So, be careful dictating your desire over the decision of your teenager. Help them understand the responsibility of decision-making, the good and the bad. After all, it’s their life, not yours. It’s their faith, not yours.
Pray for the Lord to give you flexibility so when the volcano erupts and the plans you made change, you will be supportive of your teen.
by Joseph Staples ©
Monday, April 26, 2010
“Whatever your hand finds to do, do it with all your might…” –Eccles. 9:10
Contrary to popular opinion, work has never been a particularly popular enterprise for teenagers. Whether doing chores on the farm or in the home, most teens don't naturally like to work. But the value of work is definitely an important lesson learned as a child and cultivated during the teenage years.
One Sunday, as a 9th grader, I thought I had it all figured out. We had youth group at the church at 6:00pm. I didn't get home from a friends house till 5:30 and my dad had expected me to cut the grass before I went to youth group. I hurried into my room, changed into my “youth group clothes” (not sure what those were), and proceeded to announce to my dad that, “well, I’ll have to cut the grass later in the week ‘cause I need to leave for youth group.” I thought I had him. Surely he wouldn't let grass cutting interfere with my spiritual growth (truth was, we just sat around and ate hamburgers- not a lot of depth). He said, “Well, I guess you’ll have to be late because the grass needs cutting now. You have football every afternoon this week,” pointed out my dad. “But I’ll miss most of youth group,” I said. “Yep, but you made that choice,” he said. I couldn't believe it. I was not happy. Reluctantly, I finished the yard and hurried to youth group and ate a hamburger.
Truth is, my dad was right. I had made a choice to miss youth group. Not doing the chore was never the choice and my dad made sure I understood. I wasn’t happy with my dad, but the times he taught me lessons made me respect him even more.
Teach your child the value of work and chores early. Give them little projects to do around the house. Have them clean their room before they can watch cartoons. As they get older, increase their responsibility. Have them work in the yard and help with laundry. Don't expect them to be happy about it. Your role as parents is not to win a popularity contest (we’ll discuss that in a future article). Your role is to teach and mold.
In our work at Shelterwood, an important component of the experience is doing chores and working to keep the campus beautiful. The teens learn the value of using their hands and completing projects. Teach your teen to finish what they begin. Of course, the lessons go deeper than just chores. As they work hard and finish their chore, they learn to take responsibility for who they are.
Their future coaches and bosses may never call to thank you, but teaching your teen these values will help them be a responsible adult.
By Joseph Staples ©
Saturday, April 24, 2010
“Love always trusts…” -1 Cor. 13
You already know I love the Andy Griffith Show. Many asked how long it would be before Andy Griffith themes entered my blog scene. Well, it begins today! How can there be any discussion about “trusting kids” without referring to Opie and Andy. But for those that don't care for the Andy Griffith Show (which makes me sad), I won't go there every day- I promise!
One of my favorite episodes is called “Mr. McBeevee.” While walking through the woods, Opie meets Mr. McBeevee, a telephone repairman. Opie, in describing his new friend to Andy and Barney, remarks McBeevee "lives in the trees" (climbs telephone poles to do his work) and "jingles when he walks" and "has 12 extra hands" (referring to the repairman's tools).
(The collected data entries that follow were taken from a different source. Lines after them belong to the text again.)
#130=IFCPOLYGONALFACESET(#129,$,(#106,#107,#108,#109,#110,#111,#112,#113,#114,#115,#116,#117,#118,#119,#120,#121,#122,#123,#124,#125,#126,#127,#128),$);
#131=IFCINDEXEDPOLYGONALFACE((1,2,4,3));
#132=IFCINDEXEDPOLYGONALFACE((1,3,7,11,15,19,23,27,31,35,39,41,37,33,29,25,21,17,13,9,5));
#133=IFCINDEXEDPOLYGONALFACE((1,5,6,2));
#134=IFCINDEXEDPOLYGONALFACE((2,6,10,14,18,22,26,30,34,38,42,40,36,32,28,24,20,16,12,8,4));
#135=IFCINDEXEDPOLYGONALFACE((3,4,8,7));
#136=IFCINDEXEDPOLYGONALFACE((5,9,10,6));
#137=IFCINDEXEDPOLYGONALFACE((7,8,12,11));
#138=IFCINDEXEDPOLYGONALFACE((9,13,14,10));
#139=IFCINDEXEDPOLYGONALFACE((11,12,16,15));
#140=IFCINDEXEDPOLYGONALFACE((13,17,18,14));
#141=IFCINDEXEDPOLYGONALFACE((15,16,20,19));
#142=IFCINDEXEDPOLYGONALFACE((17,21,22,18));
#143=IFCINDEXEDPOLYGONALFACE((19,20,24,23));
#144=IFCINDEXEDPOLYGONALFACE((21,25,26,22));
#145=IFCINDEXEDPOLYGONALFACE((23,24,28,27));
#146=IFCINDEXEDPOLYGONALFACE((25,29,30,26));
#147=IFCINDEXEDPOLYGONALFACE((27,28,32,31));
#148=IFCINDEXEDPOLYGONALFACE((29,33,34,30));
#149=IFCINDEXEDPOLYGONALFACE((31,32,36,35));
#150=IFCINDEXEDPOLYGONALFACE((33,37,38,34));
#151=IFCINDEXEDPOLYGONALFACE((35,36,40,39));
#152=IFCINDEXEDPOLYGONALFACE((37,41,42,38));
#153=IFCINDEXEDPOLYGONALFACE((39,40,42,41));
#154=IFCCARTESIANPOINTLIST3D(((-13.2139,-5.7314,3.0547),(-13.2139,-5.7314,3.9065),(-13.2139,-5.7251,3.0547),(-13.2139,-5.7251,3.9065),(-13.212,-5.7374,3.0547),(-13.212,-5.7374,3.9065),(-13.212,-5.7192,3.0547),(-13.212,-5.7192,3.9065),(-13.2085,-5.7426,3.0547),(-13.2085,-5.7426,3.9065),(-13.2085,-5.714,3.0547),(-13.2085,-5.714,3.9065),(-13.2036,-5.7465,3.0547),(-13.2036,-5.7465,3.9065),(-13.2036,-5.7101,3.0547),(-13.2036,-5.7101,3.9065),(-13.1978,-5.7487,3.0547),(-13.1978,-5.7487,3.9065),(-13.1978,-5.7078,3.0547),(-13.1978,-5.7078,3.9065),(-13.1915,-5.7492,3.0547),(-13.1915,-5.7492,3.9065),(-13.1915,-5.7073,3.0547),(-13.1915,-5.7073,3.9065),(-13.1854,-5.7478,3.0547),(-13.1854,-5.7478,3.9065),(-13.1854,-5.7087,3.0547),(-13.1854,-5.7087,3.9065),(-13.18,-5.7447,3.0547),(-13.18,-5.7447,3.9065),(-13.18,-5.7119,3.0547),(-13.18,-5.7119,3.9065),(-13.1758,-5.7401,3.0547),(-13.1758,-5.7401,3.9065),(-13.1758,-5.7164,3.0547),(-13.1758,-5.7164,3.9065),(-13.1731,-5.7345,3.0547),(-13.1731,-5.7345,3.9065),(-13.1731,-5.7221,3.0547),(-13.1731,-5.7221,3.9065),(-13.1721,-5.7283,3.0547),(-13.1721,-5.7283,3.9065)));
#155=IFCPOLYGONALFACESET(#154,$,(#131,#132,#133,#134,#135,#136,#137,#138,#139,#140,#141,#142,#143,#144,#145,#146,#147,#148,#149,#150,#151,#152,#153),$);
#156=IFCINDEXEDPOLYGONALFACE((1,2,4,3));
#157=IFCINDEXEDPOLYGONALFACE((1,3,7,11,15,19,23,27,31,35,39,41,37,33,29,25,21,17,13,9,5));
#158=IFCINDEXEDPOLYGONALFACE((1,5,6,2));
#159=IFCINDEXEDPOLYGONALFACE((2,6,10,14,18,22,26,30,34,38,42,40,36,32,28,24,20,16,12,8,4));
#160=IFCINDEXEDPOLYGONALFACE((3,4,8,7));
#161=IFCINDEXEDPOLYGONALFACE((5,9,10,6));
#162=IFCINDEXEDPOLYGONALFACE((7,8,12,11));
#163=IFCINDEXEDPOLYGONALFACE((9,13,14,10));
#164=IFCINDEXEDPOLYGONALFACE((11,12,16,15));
Since Andy and Barney have not met McBeevee and are unable to track him down, they chalk Opie's enthusiastic description to childhood imagination. That is, until one day Opie comes home with a quarter McBeevee had given him. Andy immediately suspects Opie stole the quarter and takes him to the woods to return it. McBeevee, in the meantime, has been called away to assist fellow workers at another site and has left by the time Andy and Opie arrive. The sheriff takes Opie home to punish him, but backs off (to Barney's chagrin) when he believes his son. In an important scene, Barney questions Andy, “so you believe there is a Mr. McBeevee?” “No Barney, I don’t, but I do believe in Opie,” responds Andy. At the end of the episode, Andy goes to the forest and, having parked next to a telephone pole, fumes aloud, "Mr. McBeevee!" McBeevee immediately shows up, and the two become quick friends.
Trusting is defined as “having a confident expectation of something; hope.” Sometimes it’s not easy trusting in our kids. When they fall short of a goal or fail to reach an objective, it’s easy to lose sight of the hope. It’s been said that “love is willing to be naive and is willing to risk being hurt.” Sometimes the thing our kids need the most is for us as parents to trust in them when they struggle to believe in themselves. When our teen plays a poor game of basketball and wants to quit that night, he needs us to remind them of how good he is. When our teen brings home a poor grade on that test and says they’re “dumb,” he needs us to remind him of how smart he is. When that boyfriend breaks up with your daughter and she’s convinced no guy will ever be interested, she needs us to remind her of how lovable she is. And when they’re confused about life, they need us to remind them of how much God loves them.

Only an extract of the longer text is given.